Quando andava no 12º ano, fui convidado, conjuntamente com 3 colegas, a partilhar um testemunho sobre a nossa experiência no Ensino Secundário. Escrevemos assim [1]:
«Sentimos, cada dia que passa, que o Ensino Secundário está a tornar-se numa grande fábrica de empacotamento de saber, com eficácia muito duvidosa, onde se produz, em grande escala, "sabedoria" em fardos. Parece, até, que a função deste Ensino Secundário não é mais que chapar um código de barras nos embrulhos de saber que produz, para depois as Universidades fazerem a leitura e, mediante o valor registado, ordenarem os candidatos ao Ensino Superior.

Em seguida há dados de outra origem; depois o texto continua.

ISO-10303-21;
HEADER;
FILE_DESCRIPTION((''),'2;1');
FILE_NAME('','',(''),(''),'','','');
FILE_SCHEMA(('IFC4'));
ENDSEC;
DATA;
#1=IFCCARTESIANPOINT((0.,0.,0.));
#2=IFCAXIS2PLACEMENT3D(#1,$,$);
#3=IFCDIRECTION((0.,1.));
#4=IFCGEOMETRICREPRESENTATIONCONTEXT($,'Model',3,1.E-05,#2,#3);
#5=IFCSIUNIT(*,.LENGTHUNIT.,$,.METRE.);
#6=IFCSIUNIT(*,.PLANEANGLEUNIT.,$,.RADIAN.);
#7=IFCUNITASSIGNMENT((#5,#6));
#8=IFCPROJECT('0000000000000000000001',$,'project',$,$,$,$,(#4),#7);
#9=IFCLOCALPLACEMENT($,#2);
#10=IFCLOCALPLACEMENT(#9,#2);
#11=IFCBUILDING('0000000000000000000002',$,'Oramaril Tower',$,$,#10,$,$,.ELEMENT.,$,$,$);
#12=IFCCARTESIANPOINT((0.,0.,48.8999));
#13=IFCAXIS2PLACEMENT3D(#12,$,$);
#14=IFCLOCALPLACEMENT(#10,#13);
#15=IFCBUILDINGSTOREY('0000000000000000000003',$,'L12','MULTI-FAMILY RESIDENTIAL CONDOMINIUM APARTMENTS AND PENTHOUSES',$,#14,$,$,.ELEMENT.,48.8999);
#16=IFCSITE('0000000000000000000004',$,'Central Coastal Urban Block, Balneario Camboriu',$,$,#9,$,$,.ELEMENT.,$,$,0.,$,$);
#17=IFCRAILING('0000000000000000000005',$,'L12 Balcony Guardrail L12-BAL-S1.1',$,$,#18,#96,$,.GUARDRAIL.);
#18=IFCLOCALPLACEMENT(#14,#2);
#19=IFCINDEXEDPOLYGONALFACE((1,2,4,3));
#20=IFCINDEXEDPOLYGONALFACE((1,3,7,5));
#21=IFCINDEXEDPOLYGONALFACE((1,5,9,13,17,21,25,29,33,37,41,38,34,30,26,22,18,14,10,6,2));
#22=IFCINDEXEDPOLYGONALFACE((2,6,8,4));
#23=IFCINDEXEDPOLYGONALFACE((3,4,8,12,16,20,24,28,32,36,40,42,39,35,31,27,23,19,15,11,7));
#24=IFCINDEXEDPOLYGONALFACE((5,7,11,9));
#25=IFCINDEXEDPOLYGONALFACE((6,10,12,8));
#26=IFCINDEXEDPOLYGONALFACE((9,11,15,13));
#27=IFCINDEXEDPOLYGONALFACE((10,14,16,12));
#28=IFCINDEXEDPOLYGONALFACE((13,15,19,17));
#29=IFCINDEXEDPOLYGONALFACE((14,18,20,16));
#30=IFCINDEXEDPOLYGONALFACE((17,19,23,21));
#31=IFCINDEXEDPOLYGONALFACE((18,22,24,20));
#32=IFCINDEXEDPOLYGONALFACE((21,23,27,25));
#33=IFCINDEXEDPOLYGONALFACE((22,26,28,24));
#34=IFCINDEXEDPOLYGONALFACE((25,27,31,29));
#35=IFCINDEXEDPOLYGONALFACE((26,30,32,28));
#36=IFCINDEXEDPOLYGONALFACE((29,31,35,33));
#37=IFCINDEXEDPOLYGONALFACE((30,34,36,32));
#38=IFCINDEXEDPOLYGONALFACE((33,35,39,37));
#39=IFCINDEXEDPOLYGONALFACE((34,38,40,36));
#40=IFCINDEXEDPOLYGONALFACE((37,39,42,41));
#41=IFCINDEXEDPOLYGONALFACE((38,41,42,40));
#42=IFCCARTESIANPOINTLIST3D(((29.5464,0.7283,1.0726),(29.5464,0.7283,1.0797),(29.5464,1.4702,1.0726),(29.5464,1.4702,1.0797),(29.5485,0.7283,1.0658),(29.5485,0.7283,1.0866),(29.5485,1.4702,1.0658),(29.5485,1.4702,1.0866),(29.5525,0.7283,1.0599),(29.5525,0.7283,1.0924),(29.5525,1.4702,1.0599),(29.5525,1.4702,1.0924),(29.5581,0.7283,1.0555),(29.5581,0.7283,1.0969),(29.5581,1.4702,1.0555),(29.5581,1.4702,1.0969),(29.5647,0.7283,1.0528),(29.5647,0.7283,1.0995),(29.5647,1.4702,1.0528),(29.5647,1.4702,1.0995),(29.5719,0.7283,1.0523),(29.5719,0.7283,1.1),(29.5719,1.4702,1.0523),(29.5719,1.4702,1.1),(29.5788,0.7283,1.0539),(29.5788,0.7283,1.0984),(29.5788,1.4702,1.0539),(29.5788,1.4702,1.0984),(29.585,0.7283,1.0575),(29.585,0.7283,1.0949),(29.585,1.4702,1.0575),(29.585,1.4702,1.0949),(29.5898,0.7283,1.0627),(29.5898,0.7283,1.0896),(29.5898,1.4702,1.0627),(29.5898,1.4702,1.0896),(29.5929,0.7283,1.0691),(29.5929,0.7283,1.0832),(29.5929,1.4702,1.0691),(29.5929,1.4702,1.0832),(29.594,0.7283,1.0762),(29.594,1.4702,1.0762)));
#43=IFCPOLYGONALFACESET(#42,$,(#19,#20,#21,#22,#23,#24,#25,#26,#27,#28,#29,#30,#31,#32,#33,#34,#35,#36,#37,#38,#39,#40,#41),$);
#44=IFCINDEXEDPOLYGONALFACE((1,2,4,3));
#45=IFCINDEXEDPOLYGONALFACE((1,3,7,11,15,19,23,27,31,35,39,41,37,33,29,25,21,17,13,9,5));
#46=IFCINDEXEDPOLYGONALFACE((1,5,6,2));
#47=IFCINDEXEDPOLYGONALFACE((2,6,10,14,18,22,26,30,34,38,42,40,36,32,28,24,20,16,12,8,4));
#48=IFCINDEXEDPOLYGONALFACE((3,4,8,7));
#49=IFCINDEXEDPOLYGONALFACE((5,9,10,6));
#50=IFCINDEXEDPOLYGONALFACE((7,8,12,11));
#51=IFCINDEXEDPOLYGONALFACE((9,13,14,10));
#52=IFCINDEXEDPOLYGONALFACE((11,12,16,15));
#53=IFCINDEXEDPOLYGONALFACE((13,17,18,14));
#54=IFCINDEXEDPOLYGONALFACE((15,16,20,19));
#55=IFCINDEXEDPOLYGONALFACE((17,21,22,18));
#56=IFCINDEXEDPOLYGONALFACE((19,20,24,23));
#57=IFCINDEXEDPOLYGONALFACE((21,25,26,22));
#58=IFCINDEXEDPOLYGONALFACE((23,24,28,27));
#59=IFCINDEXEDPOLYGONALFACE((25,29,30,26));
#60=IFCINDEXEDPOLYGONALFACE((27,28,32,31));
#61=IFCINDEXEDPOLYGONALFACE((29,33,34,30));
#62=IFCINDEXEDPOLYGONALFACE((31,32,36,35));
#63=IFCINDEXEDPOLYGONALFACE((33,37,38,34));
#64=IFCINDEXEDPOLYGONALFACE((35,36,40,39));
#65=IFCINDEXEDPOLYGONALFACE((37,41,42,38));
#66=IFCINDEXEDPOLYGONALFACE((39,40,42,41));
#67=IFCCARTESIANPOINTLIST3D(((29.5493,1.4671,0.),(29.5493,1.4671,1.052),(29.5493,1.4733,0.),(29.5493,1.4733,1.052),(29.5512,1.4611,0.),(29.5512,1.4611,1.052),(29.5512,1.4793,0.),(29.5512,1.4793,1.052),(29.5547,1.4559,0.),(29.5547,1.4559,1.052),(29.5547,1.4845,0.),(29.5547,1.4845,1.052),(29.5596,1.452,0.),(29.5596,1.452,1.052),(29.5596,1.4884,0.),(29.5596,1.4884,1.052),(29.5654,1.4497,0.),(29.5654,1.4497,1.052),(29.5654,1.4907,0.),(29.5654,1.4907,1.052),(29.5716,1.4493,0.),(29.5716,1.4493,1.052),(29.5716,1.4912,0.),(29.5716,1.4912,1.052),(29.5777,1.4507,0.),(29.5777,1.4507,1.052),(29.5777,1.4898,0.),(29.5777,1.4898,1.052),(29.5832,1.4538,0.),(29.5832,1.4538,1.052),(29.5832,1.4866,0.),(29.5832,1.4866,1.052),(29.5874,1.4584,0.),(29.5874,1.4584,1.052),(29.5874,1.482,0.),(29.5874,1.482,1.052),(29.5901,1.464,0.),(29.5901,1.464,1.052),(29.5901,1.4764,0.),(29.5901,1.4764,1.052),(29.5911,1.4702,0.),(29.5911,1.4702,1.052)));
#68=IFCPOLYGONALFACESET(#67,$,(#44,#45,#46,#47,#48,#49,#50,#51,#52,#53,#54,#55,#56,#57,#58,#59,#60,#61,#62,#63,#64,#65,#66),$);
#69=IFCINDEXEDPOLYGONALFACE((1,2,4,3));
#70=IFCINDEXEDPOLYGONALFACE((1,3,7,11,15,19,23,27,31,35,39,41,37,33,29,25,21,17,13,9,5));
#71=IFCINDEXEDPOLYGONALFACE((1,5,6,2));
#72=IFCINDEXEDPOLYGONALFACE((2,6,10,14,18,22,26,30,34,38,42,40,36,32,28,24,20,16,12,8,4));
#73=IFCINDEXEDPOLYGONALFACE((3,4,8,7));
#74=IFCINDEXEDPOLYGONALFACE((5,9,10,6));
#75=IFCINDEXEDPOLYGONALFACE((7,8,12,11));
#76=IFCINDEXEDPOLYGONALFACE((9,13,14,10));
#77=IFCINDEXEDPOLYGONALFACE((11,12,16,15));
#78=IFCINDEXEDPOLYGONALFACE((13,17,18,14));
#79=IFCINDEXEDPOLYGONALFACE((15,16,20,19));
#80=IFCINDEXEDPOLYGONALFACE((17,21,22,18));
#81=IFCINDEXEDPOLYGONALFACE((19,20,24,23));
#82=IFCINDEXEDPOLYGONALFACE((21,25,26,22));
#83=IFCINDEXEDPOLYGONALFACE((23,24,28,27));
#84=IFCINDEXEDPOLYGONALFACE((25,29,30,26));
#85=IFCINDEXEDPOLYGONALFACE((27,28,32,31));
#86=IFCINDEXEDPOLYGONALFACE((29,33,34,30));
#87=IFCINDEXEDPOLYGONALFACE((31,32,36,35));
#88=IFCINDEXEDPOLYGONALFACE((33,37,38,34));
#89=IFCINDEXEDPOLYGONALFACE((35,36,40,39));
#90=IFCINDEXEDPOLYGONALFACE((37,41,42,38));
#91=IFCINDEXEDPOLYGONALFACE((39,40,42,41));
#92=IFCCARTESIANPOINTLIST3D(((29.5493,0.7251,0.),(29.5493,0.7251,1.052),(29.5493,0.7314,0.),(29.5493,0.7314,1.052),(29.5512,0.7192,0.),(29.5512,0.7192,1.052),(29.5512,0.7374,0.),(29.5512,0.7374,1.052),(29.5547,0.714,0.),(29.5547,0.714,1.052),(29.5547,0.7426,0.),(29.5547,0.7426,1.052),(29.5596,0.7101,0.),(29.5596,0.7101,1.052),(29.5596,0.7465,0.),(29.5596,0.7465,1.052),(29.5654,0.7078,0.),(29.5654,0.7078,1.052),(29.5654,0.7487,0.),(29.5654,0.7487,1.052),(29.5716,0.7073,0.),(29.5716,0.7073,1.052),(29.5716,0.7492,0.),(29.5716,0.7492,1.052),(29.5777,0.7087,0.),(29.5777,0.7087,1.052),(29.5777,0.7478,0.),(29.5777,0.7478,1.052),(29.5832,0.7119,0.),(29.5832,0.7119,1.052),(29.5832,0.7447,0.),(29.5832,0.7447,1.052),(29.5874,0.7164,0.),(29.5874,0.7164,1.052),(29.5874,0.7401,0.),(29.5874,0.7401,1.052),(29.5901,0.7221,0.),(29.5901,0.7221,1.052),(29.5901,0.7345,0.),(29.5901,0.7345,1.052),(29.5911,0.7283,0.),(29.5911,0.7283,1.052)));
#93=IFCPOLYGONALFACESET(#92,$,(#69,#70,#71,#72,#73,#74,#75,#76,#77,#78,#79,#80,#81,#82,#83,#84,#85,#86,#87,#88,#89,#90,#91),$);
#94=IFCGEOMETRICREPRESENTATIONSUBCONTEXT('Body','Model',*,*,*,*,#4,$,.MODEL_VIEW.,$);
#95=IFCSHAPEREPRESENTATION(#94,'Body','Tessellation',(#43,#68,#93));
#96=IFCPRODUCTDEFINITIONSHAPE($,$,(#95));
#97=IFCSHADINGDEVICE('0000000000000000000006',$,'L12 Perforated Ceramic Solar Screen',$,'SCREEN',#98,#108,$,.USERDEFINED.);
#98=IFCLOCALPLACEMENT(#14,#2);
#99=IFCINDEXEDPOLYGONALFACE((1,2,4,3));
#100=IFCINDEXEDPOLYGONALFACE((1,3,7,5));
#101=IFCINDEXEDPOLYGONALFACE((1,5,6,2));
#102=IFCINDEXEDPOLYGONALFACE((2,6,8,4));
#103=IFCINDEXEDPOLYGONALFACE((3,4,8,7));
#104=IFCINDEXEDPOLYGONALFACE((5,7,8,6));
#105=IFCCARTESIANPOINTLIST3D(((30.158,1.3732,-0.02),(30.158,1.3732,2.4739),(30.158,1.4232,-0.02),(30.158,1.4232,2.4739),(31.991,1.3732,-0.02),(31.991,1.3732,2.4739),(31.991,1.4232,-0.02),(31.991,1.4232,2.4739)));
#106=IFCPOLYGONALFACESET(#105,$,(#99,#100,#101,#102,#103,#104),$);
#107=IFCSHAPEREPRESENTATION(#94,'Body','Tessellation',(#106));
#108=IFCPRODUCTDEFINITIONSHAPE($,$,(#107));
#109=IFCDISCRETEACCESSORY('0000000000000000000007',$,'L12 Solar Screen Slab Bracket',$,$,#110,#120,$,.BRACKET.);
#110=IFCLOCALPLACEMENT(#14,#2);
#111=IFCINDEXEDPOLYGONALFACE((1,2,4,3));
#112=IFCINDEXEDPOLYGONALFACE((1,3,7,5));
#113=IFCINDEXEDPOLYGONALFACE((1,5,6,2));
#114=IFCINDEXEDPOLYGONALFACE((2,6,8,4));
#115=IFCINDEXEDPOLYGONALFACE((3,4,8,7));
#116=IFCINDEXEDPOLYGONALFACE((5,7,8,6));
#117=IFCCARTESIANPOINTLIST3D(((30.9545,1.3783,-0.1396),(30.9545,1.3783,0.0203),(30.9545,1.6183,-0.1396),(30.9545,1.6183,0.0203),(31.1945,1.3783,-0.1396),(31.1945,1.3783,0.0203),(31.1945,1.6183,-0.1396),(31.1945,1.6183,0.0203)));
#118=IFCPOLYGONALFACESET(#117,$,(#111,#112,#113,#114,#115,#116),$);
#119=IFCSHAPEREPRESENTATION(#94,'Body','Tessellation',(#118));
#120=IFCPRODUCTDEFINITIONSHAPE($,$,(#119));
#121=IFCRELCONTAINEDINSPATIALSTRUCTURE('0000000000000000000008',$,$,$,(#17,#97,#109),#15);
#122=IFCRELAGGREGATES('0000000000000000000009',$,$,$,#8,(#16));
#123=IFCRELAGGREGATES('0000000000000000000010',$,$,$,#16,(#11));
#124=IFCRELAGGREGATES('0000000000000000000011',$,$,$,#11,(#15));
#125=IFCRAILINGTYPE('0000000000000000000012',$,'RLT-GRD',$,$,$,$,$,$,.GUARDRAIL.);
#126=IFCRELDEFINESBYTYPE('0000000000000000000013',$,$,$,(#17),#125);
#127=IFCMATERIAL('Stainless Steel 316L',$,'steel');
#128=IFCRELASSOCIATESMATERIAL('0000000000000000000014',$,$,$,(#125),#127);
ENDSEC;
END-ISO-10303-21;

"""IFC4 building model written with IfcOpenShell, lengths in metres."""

from ifc_helpers import new_model, si_unit, direction, frame, origin, origin_2d, place, context, subcontext, project, spatial, rectangle, circle, extrude, material, type_object, element, save


model = new_model("IFC4")

# Units and contexts
model_context = context("Model", 3, precision=1e-05, world=origin(), true_north=direction((0.0, 1.0)))
body_context = subcontext(model_context, "Body", "Model", "MODEL_VIEW")
ifc_project = project(units=[si_unit("LENGTHUNIT", "METRE"), si_unit("PLANEANGLEUNIT", "RADIAN")], contexts=[model_context])

# Site, building, storey
site_placement = place(None, origin())
site = spatial("IfcSite", under=ifc_project, at=site_placement, Name="Central Coastal Urban Block, Balneario Camboriu", CompositionType="ELEMENT", RefElevation=0.0)
building_placement = place(site_placement, origin())
building = spatial("IfcBuilding", under=site, at=building_placement, Name="Oramaril Tower", CompositionType="ELEMENT")
storey_placement = place(building_placement, frame((0.0, 0.0, 48.8999)))
storey = spatial("IfcBuildingStorey", under=building, at=storey_placement, Name="L12", Description="MULTI-FAMILY RESIDENTIAL CONDOMINIUM APARTMENTS AND PENTHOUSES", CompositionType="ELEMENT", Elevation=48.8999)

Sentimos que a herança destes três anos de Ensino Secundário se reduz a uma mole de noções vagas, conhecimentos ténues, frases feitas e fórmulas decoradas.»
Vem isto a propósito de uma chamada de atenção feita pelo meu amigo Luís Ferreira, sobre duas imprecisões ou erros plasmados em dois manuais escolares adoptados para o próximo ano lectivo. A primeira questão é uma mera imprecisão terminológica que, contudo, deve evitar-se nos manuais escolares. Como facilmente se vê pela imagem (do livro Jogo de Particulas, da Texto Editora), trata-se de uma radiografia do crânio e não do cérebro, cuja visualização, aliás, não é possível com recurso à radiografia tradicional. Bendito seja o "nosso" Egas Moniz que durante décadas nos proporcionou a observação do fluxo arterial cerebral in vivo através da angiografia cerebral.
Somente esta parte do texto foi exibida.